Impact of changing case definitions for coronavirus disease 2019 (COVID-19) hospitalization on pandemic metrics.

Autor: Shappell CN; Department of Population Medicine, Harvard Medical School/Harvard Pilgrim Health Care Institute, Boston, Massachusetts.; Division of Pulmonary and Critical Care Medicine, Department of Medicine, Brigham and Women's Hospital, Boston, Massachusetts., Klompas M; Department of Population Medicine, Harvard Medical School/Harvard Pilgrim Health Care Institute, Boston, Massachusetts.; Division of Infectious Diseases, Department of Medicine, Brigham and Women's Hospital, Boston, Massachusetts., Chan C; Department of Population Medicine, Harvard Medical School/Harvard Pilgrim Health Care Institute, Boston, Massachusetts., Chen T; Department of Population Medicine, Harvard Medical School/Harvard Pilgrim Health Care Institute, Boston, Massachusetts., Rhee C; Department of Population Medicine, Harvard Medical School/Harvard Pilgrim Health Care Institute, Boston, Massachusetts.; Division of Infectious Diseases, Department of Medicine, Brigham and Women's Hospital, Boston, Massachusetts.
Jazyk: angličtina
Zdroj: Infection control and hospital epidemiology [Infect Control Hosp Epidemiol] 2023 Sep; Vol. 44 (9), pp. 1458-1466. Date of Electronic Publication: 2023 Mar 13.
DOI: 10.1017/ice.2022.300
Abstrakt: Objective: To examine the impact of commonly used case definitions for coronavirus disease 2019 (COVID-19) hospitalizations on case counts and outcomes.
Design, Patients, and Setting: Retrospective analysis of all adults hospitalized between March 1, 2020, and March 1, 2022, at 5 Massachusetts acute-care hospitals.

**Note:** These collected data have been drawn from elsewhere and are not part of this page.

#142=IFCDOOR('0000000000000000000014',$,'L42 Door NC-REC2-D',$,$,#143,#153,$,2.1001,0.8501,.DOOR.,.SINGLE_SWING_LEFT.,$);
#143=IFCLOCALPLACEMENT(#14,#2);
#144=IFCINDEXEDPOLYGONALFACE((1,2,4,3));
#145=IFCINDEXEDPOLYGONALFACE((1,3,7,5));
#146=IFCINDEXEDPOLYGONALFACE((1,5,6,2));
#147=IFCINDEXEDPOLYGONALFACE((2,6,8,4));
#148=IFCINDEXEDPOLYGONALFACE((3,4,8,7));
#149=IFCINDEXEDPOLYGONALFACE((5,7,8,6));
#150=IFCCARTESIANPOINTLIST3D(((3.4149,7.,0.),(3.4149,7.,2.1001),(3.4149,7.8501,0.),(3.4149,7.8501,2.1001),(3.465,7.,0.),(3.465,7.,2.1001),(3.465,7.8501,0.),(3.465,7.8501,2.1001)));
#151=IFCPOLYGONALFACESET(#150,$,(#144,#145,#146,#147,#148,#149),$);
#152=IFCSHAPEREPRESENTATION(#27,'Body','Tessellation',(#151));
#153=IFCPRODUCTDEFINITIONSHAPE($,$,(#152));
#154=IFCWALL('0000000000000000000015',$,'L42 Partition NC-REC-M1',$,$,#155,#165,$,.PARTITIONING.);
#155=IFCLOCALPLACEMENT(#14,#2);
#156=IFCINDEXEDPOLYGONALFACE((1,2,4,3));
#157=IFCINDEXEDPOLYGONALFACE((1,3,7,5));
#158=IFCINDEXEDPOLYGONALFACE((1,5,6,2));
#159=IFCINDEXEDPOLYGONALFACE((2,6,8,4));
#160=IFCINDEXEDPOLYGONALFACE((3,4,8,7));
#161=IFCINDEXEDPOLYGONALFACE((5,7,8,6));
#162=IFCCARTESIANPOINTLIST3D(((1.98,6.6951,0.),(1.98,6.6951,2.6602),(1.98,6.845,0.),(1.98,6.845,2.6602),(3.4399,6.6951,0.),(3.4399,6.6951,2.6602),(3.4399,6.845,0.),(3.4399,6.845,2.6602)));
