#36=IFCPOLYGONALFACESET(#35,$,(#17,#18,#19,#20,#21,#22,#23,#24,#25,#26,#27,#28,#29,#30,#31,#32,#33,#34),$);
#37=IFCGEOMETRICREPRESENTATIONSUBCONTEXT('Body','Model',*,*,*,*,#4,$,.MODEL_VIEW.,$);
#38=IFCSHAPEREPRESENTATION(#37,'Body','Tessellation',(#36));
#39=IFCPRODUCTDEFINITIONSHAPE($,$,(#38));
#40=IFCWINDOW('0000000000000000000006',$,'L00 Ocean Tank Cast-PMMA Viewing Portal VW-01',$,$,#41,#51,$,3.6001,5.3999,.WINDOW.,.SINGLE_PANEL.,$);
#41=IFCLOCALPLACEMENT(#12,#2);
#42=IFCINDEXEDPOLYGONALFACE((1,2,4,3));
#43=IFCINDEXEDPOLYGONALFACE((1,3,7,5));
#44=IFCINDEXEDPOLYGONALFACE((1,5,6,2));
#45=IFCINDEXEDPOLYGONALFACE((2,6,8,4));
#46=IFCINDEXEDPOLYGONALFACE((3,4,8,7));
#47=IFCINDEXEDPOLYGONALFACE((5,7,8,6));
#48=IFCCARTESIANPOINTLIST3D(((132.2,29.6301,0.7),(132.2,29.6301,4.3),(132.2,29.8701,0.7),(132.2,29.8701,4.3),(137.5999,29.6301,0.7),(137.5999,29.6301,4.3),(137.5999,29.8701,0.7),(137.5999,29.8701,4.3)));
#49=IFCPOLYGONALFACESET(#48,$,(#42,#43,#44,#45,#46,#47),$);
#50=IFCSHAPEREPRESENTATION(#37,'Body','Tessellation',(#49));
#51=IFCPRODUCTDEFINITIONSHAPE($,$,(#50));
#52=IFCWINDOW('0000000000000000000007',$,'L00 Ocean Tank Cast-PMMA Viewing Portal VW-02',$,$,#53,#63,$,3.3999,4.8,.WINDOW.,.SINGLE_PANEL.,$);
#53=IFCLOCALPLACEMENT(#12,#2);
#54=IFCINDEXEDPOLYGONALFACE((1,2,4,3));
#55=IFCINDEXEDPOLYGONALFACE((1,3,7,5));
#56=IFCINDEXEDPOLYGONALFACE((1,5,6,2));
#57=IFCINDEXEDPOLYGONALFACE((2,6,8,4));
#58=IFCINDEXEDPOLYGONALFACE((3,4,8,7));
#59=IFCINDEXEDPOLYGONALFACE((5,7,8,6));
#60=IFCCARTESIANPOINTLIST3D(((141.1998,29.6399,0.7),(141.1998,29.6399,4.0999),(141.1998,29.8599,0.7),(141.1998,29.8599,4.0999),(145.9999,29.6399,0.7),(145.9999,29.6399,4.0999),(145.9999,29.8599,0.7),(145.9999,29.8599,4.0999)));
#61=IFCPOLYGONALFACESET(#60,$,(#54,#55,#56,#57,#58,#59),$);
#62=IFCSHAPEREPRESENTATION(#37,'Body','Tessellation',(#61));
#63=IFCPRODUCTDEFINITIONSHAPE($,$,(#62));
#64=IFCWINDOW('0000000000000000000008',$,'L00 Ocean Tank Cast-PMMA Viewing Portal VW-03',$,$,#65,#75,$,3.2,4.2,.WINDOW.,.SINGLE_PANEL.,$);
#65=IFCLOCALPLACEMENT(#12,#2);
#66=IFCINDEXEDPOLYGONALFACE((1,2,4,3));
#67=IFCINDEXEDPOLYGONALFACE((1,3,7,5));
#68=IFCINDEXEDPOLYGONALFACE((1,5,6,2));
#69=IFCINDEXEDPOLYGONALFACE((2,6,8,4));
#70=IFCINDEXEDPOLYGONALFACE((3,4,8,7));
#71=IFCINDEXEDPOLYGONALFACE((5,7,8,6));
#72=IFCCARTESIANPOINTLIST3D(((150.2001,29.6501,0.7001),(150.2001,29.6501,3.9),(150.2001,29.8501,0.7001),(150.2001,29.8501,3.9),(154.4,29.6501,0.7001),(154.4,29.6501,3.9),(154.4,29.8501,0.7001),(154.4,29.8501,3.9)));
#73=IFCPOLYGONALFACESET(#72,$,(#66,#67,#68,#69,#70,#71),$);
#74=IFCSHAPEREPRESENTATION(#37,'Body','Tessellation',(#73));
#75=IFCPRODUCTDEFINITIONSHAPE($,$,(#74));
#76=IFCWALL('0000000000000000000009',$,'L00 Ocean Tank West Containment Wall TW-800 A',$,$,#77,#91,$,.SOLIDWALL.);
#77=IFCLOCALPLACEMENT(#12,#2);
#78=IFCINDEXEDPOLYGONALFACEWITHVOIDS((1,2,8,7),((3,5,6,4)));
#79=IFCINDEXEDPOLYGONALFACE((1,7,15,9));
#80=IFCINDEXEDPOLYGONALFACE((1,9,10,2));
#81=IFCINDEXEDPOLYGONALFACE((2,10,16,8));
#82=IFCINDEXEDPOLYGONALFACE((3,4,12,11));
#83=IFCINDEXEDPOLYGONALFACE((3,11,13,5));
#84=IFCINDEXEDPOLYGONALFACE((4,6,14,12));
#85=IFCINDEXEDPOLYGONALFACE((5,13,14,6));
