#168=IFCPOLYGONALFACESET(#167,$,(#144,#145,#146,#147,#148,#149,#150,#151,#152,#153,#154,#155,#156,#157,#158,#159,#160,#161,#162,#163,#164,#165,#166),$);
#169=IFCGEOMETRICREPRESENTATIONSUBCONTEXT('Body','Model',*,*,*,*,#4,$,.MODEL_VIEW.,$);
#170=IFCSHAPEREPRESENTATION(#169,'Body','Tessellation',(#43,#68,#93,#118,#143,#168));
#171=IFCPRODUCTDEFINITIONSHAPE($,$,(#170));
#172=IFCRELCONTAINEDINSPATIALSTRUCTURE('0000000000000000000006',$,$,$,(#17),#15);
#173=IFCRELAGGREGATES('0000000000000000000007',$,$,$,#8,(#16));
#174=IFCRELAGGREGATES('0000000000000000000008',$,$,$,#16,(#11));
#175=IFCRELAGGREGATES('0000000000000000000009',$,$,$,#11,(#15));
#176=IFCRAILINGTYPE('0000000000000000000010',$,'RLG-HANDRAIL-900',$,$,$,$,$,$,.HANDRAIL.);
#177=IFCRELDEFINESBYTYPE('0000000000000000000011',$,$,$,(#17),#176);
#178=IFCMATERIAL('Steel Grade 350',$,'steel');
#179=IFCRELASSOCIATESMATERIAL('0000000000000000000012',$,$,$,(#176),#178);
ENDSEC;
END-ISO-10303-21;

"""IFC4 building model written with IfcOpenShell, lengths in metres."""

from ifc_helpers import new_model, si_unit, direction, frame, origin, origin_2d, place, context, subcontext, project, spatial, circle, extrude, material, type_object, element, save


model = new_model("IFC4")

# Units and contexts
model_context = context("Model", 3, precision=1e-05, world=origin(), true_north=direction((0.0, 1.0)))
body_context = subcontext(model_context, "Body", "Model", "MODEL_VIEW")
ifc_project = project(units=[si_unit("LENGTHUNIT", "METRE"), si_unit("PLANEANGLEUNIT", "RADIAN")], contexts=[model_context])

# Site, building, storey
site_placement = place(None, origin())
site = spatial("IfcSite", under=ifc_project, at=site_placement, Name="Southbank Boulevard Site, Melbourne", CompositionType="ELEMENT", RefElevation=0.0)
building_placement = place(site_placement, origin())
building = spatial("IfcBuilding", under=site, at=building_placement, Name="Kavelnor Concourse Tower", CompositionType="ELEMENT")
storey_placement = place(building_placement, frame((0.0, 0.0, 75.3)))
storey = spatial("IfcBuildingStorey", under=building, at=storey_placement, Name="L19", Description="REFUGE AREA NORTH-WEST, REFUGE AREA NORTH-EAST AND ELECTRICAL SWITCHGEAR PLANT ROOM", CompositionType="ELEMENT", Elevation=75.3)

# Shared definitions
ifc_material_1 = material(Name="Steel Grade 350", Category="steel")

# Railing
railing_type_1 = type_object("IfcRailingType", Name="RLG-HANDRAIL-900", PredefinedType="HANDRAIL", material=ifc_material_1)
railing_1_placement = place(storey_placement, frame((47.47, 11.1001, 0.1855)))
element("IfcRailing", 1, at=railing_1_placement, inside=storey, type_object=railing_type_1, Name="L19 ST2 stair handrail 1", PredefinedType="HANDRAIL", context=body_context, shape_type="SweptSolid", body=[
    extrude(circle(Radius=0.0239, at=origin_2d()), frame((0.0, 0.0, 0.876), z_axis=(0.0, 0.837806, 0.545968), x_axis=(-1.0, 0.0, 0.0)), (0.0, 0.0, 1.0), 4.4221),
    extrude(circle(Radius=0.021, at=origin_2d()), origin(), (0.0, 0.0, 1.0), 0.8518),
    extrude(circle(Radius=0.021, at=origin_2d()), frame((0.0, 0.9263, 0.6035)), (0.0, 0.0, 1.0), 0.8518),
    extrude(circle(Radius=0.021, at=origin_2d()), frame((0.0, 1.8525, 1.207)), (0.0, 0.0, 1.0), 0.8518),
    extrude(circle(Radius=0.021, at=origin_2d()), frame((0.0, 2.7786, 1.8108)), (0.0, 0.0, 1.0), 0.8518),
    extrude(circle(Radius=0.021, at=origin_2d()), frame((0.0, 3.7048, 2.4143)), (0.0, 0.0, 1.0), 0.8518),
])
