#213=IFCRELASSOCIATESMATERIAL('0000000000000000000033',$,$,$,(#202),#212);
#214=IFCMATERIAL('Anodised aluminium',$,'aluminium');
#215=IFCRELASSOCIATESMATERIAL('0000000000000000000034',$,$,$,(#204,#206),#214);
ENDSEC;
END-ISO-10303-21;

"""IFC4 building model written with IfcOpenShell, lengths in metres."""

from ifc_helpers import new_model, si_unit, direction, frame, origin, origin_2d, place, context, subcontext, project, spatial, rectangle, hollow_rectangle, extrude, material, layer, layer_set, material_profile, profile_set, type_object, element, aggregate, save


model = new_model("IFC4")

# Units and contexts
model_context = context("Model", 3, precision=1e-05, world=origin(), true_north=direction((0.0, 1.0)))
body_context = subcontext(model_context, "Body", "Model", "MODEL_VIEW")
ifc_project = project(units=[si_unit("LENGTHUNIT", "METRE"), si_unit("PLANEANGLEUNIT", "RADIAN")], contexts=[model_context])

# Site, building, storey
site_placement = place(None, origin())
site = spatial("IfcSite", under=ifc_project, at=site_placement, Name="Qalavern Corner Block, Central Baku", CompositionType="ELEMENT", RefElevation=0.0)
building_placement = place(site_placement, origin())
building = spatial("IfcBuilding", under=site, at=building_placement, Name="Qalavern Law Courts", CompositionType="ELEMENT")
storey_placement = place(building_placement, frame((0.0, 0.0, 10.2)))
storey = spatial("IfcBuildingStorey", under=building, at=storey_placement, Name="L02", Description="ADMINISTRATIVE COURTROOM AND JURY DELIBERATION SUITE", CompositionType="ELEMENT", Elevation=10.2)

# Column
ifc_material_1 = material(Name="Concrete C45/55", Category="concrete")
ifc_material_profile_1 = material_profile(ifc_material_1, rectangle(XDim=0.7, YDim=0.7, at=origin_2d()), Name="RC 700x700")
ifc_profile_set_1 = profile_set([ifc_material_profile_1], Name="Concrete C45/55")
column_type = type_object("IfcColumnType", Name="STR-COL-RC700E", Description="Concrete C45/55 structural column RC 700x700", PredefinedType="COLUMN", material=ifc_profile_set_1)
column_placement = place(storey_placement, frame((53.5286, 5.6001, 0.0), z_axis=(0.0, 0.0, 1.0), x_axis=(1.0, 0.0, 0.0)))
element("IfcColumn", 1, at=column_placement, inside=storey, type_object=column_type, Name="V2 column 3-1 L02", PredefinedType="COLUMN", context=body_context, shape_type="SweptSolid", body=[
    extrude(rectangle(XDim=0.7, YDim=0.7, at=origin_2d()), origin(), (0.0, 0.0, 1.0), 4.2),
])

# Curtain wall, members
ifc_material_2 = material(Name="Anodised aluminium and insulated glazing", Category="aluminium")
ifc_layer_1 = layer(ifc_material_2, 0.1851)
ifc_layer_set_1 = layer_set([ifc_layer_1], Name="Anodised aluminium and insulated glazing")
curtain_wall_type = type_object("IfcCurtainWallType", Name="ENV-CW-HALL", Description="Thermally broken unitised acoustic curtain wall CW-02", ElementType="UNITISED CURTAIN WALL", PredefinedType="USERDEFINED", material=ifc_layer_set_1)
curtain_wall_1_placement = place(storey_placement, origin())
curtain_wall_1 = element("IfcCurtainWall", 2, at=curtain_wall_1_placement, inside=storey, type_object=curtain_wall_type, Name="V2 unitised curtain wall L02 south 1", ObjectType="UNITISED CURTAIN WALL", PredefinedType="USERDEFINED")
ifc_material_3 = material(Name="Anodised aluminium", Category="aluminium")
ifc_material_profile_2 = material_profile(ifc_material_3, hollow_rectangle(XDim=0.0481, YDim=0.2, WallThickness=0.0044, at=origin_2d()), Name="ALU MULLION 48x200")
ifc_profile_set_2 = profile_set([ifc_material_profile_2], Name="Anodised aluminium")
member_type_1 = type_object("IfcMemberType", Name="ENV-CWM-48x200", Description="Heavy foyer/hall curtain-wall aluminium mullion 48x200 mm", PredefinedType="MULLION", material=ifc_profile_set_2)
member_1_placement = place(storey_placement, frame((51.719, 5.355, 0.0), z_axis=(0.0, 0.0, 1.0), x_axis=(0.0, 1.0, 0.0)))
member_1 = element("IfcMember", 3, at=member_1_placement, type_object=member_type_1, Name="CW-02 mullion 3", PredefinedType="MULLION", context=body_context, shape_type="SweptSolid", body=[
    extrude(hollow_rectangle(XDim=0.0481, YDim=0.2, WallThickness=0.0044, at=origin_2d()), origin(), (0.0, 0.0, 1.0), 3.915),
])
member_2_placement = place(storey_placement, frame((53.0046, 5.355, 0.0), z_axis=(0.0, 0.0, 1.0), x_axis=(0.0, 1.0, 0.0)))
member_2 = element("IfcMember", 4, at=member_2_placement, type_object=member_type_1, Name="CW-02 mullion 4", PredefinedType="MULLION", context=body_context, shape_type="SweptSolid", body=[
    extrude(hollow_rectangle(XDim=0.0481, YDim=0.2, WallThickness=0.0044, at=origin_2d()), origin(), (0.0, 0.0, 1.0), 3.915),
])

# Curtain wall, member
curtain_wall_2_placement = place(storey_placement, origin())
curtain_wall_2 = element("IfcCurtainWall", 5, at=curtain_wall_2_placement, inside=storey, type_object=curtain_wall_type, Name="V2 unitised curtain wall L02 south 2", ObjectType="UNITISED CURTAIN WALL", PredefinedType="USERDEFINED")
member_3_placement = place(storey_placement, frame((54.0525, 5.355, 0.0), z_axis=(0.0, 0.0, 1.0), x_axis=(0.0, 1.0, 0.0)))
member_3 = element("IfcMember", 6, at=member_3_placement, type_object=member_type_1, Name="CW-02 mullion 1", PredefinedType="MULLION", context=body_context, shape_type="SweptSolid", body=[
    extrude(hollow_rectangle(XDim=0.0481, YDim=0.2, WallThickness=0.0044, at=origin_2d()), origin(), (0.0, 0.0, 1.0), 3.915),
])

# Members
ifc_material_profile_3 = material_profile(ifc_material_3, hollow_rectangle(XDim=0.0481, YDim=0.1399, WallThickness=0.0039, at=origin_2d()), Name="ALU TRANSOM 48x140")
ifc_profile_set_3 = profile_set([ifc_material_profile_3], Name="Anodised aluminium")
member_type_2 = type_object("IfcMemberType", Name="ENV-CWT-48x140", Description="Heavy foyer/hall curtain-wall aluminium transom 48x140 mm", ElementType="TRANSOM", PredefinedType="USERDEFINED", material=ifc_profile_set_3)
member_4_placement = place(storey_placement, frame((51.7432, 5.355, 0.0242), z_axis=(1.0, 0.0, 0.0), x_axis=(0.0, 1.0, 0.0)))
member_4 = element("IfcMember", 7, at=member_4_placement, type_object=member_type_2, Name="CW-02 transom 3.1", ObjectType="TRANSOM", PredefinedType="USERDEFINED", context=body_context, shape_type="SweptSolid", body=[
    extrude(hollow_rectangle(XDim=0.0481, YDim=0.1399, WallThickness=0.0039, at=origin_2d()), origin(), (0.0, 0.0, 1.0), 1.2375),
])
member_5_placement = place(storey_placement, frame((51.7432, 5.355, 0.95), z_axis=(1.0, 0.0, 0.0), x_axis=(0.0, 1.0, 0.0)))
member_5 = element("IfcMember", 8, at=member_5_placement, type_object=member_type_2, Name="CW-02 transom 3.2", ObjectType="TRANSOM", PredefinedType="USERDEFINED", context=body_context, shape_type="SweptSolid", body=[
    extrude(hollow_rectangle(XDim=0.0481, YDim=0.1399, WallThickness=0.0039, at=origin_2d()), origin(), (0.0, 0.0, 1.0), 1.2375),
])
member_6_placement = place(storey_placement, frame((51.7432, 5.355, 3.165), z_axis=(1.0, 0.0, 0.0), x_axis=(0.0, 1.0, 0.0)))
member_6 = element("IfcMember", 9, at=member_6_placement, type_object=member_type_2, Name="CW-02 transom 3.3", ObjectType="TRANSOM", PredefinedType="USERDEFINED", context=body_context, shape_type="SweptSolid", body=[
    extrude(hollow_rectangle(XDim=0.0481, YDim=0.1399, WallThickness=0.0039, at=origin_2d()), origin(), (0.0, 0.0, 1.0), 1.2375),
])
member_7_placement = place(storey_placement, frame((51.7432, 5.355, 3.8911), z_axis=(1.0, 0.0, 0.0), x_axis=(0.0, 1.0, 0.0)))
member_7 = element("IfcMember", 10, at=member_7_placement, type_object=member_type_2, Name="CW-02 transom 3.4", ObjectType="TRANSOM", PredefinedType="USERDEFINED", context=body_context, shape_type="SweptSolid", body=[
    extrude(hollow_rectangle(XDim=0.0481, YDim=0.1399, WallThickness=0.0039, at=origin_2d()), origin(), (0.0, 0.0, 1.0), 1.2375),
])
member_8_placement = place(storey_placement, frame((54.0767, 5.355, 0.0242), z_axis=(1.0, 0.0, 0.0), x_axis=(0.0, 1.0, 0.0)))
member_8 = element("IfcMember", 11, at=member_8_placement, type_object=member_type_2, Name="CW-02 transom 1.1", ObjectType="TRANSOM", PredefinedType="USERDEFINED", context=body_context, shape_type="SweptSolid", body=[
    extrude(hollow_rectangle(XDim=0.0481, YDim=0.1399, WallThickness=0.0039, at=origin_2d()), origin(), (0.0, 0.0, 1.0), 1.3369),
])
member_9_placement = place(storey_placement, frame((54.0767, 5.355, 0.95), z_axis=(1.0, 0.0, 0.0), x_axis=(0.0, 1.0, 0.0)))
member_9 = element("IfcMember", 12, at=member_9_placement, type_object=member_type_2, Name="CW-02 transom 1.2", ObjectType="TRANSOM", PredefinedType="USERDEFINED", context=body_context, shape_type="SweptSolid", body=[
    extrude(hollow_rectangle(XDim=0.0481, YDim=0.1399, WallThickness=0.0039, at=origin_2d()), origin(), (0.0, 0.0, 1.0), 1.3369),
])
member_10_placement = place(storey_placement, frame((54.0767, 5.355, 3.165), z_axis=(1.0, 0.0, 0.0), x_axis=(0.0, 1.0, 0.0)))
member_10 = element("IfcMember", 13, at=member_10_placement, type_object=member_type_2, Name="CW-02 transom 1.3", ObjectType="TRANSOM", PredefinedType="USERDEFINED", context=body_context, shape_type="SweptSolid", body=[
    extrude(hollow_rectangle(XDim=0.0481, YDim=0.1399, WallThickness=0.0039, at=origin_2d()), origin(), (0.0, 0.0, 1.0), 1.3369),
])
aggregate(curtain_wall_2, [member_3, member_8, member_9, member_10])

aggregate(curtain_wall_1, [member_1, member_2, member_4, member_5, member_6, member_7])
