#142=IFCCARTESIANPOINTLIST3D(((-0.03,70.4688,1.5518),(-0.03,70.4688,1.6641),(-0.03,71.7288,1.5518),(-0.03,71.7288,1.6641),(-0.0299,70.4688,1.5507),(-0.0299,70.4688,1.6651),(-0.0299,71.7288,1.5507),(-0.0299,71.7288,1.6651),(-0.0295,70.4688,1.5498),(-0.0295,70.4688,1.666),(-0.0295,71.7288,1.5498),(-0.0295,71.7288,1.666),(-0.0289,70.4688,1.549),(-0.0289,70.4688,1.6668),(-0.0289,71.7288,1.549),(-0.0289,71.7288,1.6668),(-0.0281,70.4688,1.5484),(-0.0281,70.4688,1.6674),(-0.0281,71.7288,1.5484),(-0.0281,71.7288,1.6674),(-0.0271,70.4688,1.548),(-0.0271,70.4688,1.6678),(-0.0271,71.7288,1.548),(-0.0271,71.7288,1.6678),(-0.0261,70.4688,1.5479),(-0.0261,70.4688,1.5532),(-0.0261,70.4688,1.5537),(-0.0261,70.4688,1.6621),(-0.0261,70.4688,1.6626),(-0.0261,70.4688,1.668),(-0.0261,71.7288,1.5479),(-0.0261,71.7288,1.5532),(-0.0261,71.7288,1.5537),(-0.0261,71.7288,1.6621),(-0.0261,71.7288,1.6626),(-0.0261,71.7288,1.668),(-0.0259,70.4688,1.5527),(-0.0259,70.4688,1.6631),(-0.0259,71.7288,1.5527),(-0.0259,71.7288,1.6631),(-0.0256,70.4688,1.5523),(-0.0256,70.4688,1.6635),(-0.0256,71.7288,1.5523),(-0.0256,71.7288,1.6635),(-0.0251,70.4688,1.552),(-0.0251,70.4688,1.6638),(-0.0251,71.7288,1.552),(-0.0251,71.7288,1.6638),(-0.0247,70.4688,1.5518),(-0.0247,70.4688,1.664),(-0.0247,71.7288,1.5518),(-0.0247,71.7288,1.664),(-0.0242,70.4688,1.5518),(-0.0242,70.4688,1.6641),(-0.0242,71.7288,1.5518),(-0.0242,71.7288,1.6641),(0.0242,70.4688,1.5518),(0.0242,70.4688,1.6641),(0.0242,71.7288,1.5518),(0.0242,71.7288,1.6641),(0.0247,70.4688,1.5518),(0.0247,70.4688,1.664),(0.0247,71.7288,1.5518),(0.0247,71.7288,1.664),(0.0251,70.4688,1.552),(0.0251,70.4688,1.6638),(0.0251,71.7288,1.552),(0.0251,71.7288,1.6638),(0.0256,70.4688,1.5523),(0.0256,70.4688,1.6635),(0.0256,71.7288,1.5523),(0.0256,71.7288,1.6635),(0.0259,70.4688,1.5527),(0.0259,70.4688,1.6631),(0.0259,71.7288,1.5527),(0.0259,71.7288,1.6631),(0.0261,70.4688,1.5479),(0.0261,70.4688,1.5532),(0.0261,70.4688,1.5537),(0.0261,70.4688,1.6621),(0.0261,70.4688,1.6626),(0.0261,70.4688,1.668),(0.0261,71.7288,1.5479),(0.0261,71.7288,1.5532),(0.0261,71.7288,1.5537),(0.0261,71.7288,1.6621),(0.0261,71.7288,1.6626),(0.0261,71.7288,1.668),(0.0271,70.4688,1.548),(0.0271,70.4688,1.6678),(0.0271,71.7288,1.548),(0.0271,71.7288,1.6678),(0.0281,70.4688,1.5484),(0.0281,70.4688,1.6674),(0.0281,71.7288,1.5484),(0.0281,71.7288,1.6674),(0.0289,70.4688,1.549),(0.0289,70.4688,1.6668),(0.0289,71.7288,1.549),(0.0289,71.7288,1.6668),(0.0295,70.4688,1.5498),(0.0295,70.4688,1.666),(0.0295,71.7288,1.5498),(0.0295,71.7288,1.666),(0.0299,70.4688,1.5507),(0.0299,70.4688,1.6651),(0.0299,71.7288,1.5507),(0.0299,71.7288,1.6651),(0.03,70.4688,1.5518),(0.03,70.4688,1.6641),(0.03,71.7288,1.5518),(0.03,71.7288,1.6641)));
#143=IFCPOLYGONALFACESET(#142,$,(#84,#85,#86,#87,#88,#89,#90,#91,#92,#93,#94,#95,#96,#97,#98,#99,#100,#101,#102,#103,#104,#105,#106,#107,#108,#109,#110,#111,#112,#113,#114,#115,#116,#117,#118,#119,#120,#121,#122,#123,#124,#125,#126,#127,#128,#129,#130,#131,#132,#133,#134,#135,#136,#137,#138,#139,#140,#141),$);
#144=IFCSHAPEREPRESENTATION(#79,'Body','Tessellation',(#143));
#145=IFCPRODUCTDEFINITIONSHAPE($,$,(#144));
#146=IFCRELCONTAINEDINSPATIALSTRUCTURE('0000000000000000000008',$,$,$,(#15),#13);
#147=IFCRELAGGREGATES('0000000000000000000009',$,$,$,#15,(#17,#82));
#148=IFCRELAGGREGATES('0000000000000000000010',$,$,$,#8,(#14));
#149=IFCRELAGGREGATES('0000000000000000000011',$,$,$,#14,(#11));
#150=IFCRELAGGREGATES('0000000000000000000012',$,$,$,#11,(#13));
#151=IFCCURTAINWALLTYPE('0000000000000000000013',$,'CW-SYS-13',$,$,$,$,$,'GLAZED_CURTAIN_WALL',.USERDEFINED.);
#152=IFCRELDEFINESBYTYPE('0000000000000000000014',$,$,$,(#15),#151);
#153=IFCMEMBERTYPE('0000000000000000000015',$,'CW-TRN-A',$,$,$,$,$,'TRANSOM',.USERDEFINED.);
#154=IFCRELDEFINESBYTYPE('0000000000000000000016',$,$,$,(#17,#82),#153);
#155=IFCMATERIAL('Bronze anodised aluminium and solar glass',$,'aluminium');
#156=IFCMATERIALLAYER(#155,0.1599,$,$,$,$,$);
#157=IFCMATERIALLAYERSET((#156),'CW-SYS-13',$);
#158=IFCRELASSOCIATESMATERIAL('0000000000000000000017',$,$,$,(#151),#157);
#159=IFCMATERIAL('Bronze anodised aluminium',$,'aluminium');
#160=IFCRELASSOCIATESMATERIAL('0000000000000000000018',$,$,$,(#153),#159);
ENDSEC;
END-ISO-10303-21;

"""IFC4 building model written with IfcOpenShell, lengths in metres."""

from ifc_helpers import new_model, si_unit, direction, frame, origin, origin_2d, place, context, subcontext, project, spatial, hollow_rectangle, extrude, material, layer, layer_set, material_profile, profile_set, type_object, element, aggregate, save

Interventions: We applied 6 commonly used definitions of COVID-19 hospitalization: positive severe acute respiratory coronavirus virus 2 (SARS-CoV-2) polymerase chain reaction (PCR) assay within 14 days of admission, PCR plus dexamethasone administration, PCR plus remdesivir, PCR plus hypoxemia, institutional COVID-19 flag, or COVID-19 International Classification of Disease, Tenth Revision (ICD-10) codes. Outcomes included case counts and in-hospital mortality. Overall, 100 PCR-positive cases were reviewed to determine each definition's accuracy for distinguishing primary or contributing versus incidental COVID-19 hospitalizations.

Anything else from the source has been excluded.